Он ходил в крылатке, в широкополой шляпе, в широконосых кожаных калошах, с костылем в одной руке и громадным парусиновым зонтом в другой. К старости он еще более раздался в кости, стал еще более велик, сутул, неуклюж – и был прозван в Стрелецке Мандриллой. Вся купальня дивилась на него, когда в первый раз появился он в ней. Медленно вошел он, насупив свои серые брови и слегка согнувшись, как бы напруживая свои и без того страшные плечи, свои руки, подобные дубовым корням.

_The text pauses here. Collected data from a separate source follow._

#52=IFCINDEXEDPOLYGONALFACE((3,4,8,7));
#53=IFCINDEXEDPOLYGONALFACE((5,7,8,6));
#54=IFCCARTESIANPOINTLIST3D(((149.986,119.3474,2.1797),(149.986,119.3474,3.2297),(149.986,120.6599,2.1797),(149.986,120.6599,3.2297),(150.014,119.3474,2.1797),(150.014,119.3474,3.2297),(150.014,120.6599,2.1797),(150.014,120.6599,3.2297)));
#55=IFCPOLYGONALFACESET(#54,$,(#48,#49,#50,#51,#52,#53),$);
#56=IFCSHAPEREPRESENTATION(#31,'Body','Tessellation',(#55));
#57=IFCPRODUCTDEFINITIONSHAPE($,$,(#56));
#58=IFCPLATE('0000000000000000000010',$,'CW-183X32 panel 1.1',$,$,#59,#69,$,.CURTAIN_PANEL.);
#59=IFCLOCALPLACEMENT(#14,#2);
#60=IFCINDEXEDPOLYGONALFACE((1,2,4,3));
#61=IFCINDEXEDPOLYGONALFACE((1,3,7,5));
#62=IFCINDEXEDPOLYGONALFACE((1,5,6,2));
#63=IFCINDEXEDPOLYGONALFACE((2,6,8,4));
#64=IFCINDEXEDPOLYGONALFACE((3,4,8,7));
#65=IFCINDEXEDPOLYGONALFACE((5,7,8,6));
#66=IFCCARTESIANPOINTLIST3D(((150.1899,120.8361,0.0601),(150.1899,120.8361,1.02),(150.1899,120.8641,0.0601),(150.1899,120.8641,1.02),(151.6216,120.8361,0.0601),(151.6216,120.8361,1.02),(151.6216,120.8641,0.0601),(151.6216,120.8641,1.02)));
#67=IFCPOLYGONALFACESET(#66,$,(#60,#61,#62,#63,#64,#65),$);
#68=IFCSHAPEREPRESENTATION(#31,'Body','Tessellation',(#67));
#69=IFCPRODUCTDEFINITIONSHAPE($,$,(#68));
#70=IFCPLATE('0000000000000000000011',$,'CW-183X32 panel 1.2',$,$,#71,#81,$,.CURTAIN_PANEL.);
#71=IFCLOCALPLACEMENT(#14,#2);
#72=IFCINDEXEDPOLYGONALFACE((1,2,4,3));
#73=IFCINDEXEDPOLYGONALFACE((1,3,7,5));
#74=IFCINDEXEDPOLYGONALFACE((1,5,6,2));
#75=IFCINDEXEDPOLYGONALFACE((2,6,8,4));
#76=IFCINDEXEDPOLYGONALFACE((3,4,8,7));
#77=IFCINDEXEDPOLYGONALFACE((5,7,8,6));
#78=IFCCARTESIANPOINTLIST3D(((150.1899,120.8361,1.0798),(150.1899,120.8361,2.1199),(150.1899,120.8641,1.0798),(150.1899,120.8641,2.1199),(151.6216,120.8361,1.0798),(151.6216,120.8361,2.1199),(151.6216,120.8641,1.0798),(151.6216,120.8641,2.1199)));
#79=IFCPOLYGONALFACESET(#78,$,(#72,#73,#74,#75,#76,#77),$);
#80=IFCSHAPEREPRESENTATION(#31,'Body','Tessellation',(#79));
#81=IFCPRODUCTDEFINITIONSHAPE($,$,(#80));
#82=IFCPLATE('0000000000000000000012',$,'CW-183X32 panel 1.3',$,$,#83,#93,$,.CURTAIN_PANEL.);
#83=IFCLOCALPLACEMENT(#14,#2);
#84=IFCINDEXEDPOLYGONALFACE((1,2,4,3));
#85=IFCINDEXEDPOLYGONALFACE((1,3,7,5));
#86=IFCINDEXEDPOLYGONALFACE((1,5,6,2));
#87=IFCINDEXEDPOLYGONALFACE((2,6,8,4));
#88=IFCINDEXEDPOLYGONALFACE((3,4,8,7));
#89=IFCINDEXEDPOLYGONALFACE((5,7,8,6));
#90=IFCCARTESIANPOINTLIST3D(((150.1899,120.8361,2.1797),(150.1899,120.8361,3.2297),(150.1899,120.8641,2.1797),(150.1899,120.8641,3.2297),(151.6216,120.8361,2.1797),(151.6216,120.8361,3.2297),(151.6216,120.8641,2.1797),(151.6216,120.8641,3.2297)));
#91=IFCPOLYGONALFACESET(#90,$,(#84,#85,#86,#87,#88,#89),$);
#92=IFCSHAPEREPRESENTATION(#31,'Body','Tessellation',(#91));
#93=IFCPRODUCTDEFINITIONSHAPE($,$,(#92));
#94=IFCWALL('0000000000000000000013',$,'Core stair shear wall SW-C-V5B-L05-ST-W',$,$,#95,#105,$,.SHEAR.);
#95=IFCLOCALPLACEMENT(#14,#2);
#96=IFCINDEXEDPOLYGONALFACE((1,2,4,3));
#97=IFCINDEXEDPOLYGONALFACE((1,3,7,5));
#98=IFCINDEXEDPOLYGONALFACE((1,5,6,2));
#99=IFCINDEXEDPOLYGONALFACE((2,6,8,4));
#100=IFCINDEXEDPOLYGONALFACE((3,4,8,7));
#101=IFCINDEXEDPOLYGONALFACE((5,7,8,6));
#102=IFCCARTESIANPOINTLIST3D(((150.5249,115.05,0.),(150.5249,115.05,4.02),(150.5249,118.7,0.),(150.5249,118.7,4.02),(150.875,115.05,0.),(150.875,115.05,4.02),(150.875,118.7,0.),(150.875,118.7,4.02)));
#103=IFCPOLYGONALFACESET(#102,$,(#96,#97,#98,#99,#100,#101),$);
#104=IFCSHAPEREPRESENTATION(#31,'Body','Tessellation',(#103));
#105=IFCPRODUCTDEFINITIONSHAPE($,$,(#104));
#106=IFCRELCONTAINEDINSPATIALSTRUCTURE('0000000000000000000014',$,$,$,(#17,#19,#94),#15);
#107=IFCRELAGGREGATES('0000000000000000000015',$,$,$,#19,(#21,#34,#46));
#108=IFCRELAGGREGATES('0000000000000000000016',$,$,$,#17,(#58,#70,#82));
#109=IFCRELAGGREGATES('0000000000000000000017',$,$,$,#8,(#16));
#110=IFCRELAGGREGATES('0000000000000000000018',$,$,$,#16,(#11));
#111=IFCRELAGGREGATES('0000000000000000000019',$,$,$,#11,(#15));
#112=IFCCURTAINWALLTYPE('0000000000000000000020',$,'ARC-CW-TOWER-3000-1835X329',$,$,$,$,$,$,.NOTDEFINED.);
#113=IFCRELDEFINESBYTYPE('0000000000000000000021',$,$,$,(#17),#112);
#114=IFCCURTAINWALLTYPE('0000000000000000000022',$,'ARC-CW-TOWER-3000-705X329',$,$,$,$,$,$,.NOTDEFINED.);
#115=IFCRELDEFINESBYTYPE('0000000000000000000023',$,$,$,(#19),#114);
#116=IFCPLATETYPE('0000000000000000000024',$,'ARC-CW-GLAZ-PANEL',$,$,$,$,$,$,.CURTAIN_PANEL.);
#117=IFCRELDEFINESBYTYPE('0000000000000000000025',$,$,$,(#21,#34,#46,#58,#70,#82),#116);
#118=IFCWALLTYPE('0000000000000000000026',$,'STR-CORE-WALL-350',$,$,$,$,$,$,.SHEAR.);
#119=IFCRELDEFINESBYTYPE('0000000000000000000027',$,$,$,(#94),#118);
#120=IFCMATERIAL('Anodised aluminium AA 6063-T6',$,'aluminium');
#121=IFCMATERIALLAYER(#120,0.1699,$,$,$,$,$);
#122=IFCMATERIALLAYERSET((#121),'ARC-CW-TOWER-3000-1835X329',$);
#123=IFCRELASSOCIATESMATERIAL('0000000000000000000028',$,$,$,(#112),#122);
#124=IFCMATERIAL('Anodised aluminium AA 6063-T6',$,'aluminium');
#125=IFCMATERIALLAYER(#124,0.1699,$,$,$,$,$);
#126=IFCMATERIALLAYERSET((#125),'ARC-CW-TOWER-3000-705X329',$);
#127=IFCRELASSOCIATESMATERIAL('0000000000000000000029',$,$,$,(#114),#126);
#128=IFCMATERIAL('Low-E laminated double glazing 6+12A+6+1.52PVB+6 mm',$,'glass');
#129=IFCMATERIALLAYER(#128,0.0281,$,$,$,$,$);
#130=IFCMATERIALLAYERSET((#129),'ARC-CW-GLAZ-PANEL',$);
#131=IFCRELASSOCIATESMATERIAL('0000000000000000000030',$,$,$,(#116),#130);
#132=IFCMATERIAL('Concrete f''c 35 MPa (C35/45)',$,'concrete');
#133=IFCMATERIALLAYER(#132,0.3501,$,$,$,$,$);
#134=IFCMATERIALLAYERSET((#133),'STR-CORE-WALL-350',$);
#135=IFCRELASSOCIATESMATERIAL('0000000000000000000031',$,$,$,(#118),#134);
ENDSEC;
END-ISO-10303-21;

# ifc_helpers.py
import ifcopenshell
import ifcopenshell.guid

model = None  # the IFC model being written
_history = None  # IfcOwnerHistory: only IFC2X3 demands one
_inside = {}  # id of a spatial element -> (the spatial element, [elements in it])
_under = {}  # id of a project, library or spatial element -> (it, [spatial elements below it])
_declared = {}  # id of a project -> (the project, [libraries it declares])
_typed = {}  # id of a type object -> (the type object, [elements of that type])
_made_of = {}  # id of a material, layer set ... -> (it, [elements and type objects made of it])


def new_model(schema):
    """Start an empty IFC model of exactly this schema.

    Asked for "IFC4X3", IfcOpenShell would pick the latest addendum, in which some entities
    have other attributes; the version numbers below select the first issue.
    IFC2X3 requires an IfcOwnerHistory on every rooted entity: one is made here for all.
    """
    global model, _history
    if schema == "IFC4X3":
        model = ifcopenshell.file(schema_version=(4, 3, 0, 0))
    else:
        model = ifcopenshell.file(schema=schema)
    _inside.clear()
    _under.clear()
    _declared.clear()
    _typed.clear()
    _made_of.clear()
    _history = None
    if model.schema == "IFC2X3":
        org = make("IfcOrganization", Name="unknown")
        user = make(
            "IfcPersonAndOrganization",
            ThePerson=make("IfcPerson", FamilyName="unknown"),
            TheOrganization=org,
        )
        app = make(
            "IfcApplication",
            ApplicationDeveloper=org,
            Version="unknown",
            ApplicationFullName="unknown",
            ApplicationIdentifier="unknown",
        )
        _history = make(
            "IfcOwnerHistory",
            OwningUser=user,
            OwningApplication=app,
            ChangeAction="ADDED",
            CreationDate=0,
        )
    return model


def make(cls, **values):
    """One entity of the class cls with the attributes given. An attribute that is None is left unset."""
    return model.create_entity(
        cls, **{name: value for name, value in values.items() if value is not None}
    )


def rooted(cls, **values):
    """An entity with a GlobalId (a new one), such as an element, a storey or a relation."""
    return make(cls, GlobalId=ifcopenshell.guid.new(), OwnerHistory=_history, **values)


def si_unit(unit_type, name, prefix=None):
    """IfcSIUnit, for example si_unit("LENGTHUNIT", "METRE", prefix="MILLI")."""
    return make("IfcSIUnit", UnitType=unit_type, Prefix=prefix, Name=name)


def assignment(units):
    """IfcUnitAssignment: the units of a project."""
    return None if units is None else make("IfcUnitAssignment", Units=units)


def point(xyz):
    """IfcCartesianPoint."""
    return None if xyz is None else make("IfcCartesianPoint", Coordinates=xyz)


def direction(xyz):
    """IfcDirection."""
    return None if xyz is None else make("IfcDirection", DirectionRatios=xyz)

Старомодно со всеми раскланявшись, внушительно-серьезный и спокойный, он стал раздеваться – и все ахали, видя, как обнажается его сизо-серое тело, его чудовищные ступни, безобразно искривленные, лежащие друг на друге пальцы и ногти их, похожие на раковины. А он хоть бы глазом моргнул – не спеша разделся, не спеша окунулся ровно пятнадцать раз… С тех пор его видели в купальне каждый день. Каждый день вплоть до Покрова купался он. Уже дул осенний ветер в щели пустой купальни, тучи висели за речкой над полями, оловянная рябь шла по воде; а Горизонтов купался. Белел снег по берегам, по бледной синеве туч тянулись на юг последние гуси; но, как только било на соборе час, с косогора, тяжело опираясь на костыль, спускался к речке сутулый гигант в серой крылатке.

Ел он за десятерых. Квартирные хозяйки из себя выходили, отказывали ему. Но ведь он предупреждал! Твердо отчеканивая слоги, уговаривался он:

– Суп, борщ, лапшу прошу подавать мне не в тарелочках: предпочитаю в мисочках. Живность – штучно, а не кусочками. Жаркое обязательно с картофелем, с овощами. Кашу гречневую, равно как и пшенную, – чугунчиками…

– Мандрилла, Мандрилла! – орали мальчишки, стаями гоняясь за ним по Стрелецку. Но он даже не удостаивал их взглядом, он шел так же мерно, как изо дня в день входил, бывало, в буйный класс, чтобы начать своей неизменной фразой:

– Итак, повторим сначала предыдущее. Вспомним, что именно предпринял Цезар, узнав от лазутчиков о грозящей ему опасности со стороны неприятеля…

А философия его заключалась в том, что все силы каждого человека должны быть направлены исключительно на продление жизни, для чего и потребно: полное воздержание от сношений с женщинами, существами суетными, злыми, низкими по интеллекту, полное спокойствие во всех жизненных обстоятельствах, самое точное выполнение своих разумных, продуманных привычек и строжайший уход за своим телом – прежде всего в смысле питания его и освежения водою.

– Nullus enim locus sine genio est![2] – насмешливо сказал однажды больной и сумрачный о. Кир, встретясь с ним на улице. – Давно слышу я, Горизонтов, о причудах твоих. Ответь мне: юрод ты или мудрец? Зачем живешь ты на свете, уподобляясь тем, которые жили во времена зоологические, на первых ступенях развития?

1И шумит, и гремит, и разверзаются небеса (лат.).